Missing-resource error code: -32002 becomes -32602

One specific behavior change in the 2026-07-28 release candidate is the JSON-RPC error code a server must return for a resources/read that names a resource that does not exist. Before the RC, MCP specified a custom code, -32002, for an unknown resource. The 2026-07-28 RC drops that custom code and uses the standard JSON-RPC -32602 (Invalid Params) instead, because a missing resource is a bad parameter, not a transport fault. A server that still answers -32002 on the new target is out of conformance.

Concretely, for a resources/read of a uri the server does not have:

Before (pre-2026-07-28 targets): the server returns error code -32002, the legacy MCP-custom missing-resource code. That is the conformant answer on an older target.
After (the 2026-07-28 target): the server must return error code -32602 (Invalid Params), the standard JSON-RPC code. -32602 on this target is a conformance failure.

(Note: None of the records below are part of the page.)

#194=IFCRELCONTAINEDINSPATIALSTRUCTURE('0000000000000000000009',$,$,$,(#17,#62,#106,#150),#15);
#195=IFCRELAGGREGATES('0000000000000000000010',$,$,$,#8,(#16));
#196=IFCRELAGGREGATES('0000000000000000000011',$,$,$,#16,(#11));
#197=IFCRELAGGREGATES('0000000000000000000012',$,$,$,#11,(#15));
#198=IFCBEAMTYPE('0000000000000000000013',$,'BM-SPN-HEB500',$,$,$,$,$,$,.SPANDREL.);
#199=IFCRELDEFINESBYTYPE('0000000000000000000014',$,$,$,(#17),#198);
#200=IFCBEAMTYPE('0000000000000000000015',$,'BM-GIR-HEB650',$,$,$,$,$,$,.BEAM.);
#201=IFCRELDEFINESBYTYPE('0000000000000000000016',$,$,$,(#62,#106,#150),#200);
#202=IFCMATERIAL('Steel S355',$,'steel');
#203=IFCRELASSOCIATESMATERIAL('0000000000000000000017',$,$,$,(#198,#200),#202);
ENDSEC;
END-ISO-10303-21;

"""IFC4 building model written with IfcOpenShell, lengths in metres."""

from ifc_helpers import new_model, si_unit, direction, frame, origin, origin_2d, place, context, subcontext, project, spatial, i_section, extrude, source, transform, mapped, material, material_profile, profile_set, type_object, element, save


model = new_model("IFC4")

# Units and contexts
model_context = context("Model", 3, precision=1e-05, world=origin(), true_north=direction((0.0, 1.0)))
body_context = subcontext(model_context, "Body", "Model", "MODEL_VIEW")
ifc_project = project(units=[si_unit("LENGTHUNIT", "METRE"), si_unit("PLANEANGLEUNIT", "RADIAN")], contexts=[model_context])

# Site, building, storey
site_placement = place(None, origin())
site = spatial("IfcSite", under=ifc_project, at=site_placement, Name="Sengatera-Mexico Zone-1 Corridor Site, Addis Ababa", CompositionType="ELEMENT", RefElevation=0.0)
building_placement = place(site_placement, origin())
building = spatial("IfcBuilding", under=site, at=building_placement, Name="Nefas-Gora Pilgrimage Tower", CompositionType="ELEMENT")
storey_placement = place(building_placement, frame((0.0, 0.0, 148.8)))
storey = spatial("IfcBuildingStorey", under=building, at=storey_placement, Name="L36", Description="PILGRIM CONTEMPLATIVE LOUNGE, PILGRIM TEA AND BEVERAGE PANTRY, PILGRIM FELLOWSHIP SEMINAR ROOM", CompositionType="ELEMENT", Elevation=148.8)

This is a distinct change from any iss / RFC 9207 authorization-server requirement; the two are unrelated, and a server can be out of conformance on one without the other.

The deterministic check half lives in mcptest_core::migration: the MigrationCorpus::check_resource_error_code helper takes the code a server returned for a missing resource and reports Fail on -32002 (naming -32602 as the replacement), Pass on -32602, and Skipped on any unrelated code. No model is consulted; it is an integer comparison against the target's required code. The helper is library-only this release: the mcptest doctor CLI does not yet probe a live server's missing-resource code and run this check end to end. The runnable companion is examples/migration-doctor/.